El PP exigió tres puestos en la Mesa a cambio de dejarle la presidencia a Patxi López

¿Es la Mesa del Congreso un indicio de que habrá acuerdo PP, PSOE, Ciudadanos?

Albert Rivera ocupó el centro de la negociación, consiguió dos puestos, que el PSOE no tenga mayoría y que el presidente no sea del partido más votado

¿Es la Mesa del Congreso un indicio de que habrá acuerdo PP, PSOE, Ciudadanos?
Albert Rivera, presidente de Ciudadanos. PD

Dicen veteranos como Ignacio Camacho que Albert Rivera es un líder político al que no gustan los potenciales votantes de su partido y hasta ahora, a la vista de como ha sido de ambiguo y de las flores que iba soltando a Pablo Iglesias, pedro Sánchez y hasta el periodista Jesús Cintora, todo abonaba esa tesis.

Algo ha cambiado en los últimos días, durante los que Ciudadanos ha hecho autocrítica, ha reconocido haber hecho un final de campaña catastrófico y parece haberse puesto las ‘pilas’.

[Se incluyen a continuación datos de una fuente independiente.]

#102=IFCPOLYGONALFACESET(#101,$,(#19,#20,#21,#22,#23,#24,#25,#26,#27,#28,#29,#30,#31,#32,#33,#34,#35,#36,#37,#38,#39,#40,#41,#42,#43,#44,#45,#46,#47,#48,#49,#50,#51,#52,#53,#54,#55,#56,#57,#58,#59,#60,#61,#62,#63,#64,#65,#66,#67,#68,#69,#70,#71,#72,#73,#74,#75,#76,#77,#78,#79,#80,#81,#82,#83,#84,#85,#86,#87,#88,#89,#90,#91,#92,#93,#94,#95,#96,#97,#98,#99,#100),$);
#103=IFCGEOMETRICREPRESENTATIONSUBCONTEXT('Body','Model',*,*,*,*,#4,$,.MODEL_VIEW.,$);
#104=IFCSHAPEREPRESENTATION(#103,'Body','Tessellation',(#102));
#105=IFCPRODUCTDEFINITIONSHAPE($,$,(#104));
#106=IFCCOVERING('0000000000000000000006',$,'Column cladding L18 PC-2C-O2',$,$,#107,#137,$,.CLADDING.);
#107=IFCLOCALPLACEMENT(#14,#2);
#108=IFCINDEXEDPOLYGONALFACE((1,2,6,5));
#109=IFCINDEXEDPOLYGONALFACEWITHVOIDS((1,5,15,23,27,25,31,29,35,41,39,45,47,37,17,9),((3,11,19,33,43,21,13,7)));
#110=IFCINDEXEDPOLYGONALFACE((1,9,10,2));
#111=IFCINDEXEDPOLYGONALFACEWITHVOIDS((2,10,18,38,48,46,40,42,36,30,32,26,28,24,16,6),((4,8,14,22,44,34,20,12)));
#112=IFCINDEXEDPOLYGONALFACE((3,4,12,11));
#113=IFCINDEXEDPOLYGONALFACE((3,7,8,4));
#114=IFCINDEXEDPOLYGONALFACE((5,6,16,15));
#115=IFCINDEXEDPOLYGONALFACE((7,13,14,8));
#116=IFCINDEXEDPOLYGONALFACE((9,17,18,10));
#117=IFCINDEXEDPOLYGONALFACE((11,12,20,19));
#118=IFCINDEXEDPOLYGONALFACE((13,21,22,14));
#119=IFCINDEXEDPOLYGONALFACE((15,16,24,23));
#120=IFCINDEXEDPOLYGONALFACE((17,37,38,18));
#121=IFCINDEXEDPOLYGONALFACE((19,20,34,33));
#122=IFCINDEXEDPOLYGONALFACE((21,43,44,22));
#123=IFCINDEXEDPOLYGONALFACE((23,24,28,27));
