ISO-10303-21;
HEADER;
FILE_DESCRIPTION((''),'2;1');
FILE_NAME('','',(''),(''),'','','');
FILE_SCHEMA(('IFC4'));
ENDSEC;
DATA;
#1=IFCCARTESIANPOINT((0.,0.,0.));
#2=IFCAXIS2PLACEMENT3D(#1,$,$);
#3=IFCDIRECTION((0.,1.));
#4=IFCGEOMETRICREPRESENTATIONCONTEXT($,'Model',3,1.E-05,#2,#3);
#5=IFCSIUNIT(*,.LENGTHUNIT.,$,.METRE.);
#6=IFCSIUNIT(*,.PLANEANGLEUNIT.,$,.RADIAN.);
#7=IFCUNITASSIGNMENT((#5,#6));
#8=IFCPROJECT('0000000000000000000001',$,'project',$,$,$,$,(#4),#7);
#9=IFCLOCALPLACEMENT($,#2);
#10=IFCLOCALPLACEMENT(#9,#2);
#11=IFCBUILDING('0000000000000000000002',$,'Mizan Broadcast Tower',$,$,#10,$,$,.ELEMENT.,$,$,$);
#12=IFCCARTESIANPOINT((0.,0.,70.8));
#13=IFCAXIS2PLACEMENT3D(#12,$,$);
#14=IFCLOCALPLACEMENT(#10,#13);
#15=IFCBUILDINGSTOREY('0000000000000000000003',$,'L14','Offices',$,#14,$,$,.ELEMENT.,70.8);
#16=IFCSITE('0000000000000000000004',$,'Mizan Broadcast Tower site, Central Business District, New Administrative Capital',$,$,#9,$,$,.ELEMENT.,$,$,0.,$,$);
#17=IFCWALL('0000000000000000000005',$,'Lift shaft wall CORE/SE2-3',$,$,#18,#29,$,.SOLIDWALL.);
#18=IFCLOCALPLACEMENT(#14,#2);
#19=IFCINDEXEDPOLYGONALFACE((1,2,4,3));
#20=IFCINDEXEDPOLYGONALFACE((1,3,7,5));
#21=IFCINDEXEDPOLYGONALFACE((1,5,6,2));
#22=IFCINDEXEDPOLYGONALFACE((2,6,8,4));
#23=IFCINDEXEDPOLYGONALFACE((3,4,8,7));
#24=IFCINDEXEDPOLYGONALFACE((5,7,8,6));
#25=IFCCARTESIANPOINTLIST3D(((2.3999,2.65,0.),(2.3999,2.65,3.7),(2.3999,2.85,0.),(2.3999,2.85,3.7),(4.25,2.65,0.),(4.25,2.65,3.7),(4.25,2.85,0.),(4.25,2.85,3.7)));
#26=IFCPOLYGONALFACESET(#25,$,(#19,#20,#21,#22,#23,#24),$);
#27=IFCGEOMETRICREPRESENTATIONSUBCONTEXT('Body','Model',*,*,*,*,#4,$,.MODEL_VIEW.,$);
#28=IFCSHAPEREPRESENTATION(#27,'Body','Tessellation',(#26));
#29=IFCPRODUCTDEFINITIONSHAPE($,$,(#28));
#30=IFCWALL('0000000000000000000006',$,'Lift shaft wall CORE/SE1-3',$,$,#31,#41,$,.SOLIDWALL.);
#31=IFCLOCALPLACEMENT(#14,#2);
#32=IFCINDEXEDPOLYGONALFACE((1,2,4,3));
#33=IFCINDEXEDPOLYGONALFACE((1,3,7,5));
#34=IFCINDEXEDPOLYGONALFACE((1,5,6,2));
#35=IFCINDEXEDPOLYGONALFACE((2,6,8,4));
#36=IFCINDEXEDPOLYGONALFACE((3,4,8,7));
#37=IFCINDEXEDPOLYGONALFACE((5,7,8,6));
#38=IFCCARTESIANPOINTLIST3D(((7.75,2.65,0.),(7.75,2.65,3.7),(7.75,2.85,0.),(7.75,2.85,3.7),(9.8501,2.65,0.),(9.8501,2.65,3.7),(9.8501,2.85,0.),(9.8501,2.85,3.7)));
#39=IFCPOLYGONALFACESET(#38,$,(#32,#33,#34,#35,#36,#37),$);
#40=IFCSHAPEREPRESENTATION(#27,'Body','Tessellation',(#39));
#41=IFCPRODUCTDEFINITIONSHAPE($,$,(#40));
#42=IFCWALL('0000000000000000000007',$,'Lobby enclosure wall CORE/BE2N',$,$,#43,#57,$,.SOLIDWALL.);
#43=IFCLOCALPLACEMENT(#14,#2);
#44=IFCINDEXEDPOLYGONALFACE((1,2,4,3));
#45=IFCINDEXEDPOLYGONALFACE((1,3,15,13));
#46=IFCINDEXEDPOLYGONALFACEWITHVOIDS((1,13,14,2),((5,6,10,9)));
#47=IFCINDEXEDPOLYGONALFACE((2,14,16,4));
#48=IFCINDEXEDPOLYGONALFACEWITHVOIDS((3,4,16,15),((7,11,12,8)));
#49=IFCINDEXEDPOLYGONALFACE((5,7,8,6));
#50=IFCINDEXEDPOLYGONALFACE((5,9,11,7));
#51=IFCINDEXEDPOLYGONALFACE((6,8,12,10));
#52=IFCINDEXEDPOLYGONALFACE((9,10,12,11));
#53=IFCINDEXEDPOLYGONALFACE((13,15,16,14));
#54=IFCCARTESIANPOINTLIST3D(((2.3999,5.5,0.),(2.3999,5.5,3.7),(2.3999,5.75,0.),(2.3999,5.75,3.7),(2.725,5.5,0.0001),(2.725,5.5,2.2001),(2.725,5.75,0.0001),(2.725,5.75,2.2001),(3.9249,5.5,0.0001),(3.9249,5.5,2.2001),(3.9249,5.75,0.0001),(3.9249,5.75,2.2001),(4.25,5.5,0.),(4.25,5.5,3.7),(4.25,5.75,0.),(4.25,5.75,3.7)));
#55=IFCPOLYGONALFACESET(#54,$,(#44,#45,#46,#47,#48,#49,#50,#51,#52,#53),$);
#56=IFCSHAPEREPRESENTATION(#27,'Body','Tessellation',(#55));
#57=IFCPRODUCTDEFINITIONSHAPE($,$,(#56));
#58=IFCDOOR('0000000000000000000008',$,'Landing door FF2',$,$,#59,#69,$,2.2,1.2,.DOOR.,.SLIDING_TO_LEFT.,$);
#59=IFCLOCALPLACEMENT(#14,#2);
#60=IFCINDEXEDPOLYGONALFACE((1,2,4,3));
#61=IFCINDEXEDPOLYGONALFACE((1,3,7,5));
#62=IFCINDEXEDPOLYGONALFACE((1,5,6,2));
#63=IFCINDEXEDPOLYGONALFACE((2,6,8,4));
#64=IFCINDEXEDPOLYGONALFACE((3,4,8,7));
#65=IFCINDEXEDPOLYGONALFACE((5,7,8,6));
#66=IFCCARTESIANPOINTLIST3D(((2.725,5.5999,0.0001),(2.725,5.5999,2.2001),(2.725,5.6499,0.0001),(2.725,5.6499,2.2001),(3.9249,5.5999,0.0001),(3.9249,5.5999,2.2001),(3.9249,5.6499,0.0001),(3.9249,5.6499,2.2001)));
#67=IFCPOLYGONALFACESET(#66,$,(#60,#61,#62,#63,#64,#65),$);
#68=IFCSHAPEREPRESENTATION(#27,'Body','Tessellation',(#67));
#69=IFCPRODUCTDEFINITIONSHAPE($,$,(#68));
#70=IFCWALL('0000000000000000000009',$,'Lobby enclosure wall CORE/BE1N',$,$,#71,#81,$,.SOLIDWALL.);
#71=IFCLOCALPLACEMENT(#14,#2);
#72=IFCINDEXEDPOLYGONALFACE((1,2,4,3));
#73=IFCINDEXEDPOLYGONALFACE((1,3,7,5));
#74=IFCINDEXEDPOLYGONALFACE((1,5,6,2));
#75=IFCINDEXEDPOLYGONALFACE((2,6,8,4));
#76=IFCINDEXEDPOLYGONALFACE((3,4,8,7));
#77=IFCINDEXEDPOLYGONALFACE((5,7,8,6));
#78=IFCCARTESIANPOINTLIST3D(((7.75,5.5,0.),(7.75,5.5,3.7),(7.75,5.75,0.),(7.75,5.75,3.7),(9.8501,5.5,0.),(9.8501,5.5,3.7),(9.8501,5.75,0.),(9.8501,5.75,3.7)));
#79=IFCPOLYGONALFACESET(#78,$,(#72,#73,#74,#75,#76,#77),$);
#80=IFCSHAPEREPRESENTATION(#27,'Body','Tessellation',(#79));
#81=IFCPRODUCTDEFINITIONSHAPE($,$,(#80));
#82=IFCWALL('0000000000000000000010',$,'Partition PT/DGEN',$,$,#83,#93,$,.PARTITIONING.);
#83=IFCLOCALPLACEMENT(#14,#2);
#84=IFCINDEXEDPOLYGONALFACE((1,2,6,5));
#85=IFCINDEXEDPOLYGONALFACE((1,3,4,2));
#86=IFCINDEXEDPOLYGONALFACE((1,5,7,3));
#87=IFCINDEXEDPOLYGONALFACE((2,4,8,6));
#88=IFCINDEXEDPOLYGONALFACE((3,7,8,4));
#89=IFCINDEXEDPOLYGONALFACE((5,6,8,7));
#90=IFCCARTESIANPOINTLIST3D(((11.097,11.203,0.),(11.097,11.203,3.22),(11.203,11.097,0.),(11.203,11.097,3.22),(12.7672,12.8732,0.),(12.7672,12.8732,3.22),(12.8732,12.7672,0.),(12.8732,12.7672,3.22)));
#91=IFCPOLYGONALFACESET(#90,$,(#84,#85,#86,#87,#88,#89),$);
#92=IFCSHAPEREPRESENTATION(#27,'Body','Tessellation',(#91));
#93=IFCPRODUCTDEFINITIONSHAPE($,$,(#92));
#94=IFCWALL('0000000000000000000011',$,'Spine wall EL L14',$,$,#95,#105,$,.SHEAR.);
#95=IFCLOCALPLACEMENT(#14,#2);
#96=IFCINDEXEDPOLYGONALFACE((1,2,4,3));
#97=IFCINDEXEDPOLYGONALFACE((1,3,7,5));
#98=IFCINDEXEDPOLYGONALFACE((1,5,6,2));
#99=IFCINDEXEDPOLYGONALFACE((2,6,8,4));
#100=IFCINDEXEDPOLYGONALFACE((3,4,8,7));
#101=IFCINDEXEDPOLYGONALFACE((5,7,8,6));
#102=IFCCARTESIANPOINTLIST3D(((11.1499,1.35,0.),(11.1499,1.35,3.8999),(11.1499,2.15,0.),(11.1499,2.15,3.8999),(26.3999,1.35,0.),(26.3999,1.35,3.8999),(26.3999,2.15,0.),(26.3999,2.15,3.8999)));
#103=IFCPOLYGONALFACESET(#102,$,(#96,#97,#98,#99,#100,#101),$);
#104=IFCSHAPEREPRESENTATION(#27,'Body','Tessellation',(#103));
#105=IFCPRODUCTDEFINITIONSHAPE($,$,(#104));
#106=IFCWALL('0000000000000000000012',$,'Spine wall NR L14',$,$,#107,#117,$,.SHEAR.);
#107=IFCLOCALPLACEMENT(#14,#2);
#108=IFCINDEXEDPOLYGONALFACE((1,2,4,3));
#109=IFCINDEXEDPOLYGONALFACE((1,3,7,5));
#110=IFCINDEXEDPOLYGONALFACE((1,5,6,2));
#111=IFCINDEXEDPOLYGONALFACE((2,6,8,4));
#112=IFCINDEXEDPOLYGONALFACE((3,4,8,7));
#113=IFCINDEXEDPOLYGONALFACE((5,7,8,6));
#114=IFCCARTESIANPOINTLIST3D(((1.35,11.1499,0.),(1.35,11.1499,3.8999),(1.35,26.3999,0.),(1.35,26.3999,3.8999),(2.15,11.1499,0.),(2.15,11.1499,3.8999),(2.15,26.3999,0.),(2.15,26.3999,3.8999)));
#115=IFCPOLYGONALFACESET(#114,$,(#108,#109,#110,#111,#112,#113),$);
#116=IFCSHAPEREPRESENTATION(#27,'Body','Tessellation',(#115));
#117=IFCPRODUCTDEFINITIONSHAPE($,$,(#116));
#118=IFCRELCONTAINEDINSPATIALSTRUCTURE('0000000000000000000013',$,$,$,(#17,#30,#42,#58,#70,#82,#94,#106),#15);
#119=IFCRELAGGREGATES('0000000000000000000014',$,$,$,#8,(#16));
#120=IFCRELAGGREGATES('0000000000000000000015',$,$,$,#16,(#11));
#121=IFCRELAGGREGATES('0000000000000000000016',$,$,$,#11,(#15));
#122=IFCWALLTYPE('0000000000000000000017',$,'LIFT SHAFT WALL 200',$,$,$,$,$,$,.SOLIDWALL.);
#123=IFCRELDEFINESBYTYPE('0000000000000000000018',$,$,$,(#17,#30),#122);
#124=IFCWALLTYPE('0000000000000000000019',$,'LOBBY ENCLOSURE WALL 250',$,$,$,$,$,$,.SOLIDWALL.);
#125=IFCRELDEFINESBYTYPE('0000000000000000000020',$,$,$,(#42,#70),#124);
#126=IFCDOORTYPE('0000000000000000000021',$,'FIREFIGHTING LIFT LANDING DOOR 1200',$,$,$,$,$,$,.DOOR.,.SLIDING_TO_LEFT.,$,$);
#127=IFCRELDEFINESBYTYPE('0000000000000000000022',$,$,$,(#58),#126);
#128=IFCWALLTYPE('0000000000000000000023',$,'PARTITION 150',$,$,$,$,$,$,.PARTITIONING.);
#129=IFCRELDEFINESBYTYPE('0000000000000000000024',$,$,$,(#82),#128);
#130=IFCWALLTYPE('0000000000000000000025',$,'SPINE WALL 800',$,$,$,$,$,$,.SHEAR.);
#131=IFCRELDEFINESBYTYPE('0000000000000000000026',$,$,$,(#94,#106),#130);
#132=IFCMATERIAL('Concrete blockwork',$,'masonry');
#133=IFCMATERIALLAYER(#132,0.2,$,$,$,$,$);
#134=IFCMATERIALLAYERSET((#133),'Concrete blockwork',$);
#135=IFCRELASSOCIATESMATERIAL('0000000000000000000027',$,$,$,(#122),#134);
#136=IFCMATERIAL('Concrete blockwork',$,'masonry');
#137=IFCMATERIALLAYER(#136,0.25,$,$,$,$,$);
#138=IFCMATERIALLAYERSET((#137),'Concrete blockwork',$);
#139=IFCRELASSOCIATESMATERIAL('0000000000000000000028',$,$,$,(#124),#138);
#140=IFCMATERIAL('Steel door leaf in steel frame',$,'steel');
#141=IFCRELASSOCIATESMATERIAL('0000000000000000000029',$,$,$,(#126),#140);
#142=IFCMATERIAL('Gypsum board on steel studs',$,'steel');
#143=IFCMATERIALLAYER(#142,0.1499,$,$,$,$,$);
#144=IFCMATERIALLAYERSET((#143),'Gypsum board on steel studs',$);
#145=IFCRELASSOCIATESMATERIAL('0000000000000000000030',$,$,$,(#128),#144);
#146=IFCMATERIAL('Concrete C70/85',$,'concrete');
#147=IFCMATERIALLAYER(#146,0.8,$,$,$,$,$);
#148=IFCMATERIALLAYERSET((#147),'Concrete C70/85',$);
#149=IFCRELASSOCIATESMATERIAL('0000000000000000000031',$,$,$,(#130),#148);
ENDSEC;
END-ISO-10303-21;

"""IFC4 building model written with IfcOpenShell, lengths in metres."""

from ifc_helpers import new_model, si_unit, direction, frame, frame_2d, origin, place, context, subcontext, project, spatial, rectangle, extrude, material, layer, layer_set, type_object, element, fill, save


model = new_model("IFC4")

# Units and contexts
model_context = context("Model", 3, precision=1e-05, world=origin(), true_north=direction((0.0, 1.0)))
body_context = subcontext(model_context, "Body", "Model", "MODEL_VIEW")
ifc_project = project(units=[si_unit("LENGTHUNIT", "METRE"), si_unit("PLANEANGLEUNIT", "RADIAN")], contexts=[model_context])

# Site, building, storey
site_placement = place(None, origin())
site = spatial("IfcSite", under=ifc_project, at=site_placement, Name="Mizan Broadcast Tower site, Central Business District, New Administrative Capital", CompositionType="ELEMENT", RefElevation=0.0)
building_placement = place(site_placement, origin())
building = spatial("IfcBuilding", under=site, at=building_placement, Name="Mizan Broadcast Tower", CompositionType="ELEMENT")
storey_placement = place(building_placement, frame((0.0, 0.0, 70.8)))
storey = spatial("IfcBuildingStorey", under=building, at=storey_placement, Name="L14", Description="Offices", CompositionType="ELEMENT", Elevation=70.8)

# Walls
ifc_material_1 = material(Name="Concrete blockwork", Category="masonry")
ifc_layer_1 = layer(ifc_material_1, 0.2)
ifc_layer_set_1 = layer_set([ifc_layer_1], Name="Concrete blockwork")
wall_type_1 = type_object("IfcWallType", Name="LIFT SHAFT WALL 200", PredefinedType="SOLIDWALL", material=ifc_layer_set_1)
wall_1_placement = place(storey_placement, frame((2.3999, 2.75, 0.0), z_axis=(0.0, 0.0, 1.0), x_axis=(1.0, 0.0, 0.0)))
element("IfcWall", 1, at=wall_1_placement, inside=storey, type_object=wall_type_1, Name="Lift shaft wall CORE/SE2-3", PredefinedType="SOLIDWALL", context=body_context, shape_type="SweptSolid", body=[
    extrude(rectangle(XDim=1.8501, YDim=0.2, at=frame_2d((0.925, 0.0))), origin(), (0.0, 0.0, 1.0), 3.7),
])
wall_2_placement = place(storey_placement, frame((7.75, 2.75, 0.0), z_axis=(0.0, 0.0, 1.0), x_axis=(1.0, 0.0, 0.0)))
element("IfcWall", 2, at=wall_2_placement, inside=storey, type_object=wall_type_1, Name="Lift shaft wall CORE/SE1-3", PredefinedType="SOLIDWALL", context=body_context, shape_type="SweptSolid", body=[
    extrude(rectangle(XDim=2.1001, YDim=0.2, at=frame_2d((1.05, 0.0))), origin(), (0.0, 0.0, 1.0), 3.7),
])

No está claro que Rivera esté realmente decidido a olvidarse de la ‘virginidad’ y a mojarse hasta el rovejón en la política, lo que implicaría incluso entrar en el próximo gobierno de España, como vicepresiente o lo que sea, y al lado de los populares, pero lo ocurrido este 12 de enero de 2016 en el Congreso puede ser un indicio.

 Rivera ocupó el centro de la negociación, consiguió dos puestos para C’s, que el PSOE no tenga mayoría y que el presidente no sea del partido más votado.

Pedro Sánchez dirá que el éxito es suyo, porque le ha conseguido un sillón muy bien remunerado a Patxi López, pero ha quedado como Cagancho en Almagro.

El primer acuerdo de Legislatura del secretario general del PSOE, que hace tan sólo cinco días apostó en Portugal por una alianza de la izquierda que impulsara el cambio en España, ha sido con la derecha. Todo para situar al vasco López al frente de la Presidencia de la Cámara Baja.

A cambio, el PSOE cede la mayoría en la Mesa a la suma de PP más Ciudadanos, que se garantizan tres y dos puestos, respectivamente, de los nueve que integran el máximo órgano de gobierno del Parlamento.

Si esto es el cambio, nada ha cambiado en este arranque de la XI Legislatura porque la proporción del reparto -que los socialistas vendieron como fruto de un acuerdo únicamente con la formación de Rivera y el PP como un pacto a tres bandas- garantiza al centroderecha español una mayoría que no es baladí en un mandato complicado, aunque será breve o brevísimo.

Todo dependerá de si, al final, hay que repetir o no las elecciones, pero aún en el hipotético caso de que Sánchez -Rajoy ya da por perdida su investidura- lograra apoyos suficientes para ser investido, no hay quien apueste por que la Legislatura avance más allá de año y medio.

En todo caso, el tandem PP-Coiudadanos podrá frenar decisiones de PSOE y Podemos, por lo que la de López será más bien una presidencia florero.

Cábalas aparte, el resultado de las negociaciones para el reparto de las Mesas del Congreso y el Senado permite al PSOE exhibir una presidencia que de facto no tendrá el control del órgano de gobierno del Parlamento ni siquiera en el caso de que sumara sus dos representantes a los dos de Podemos.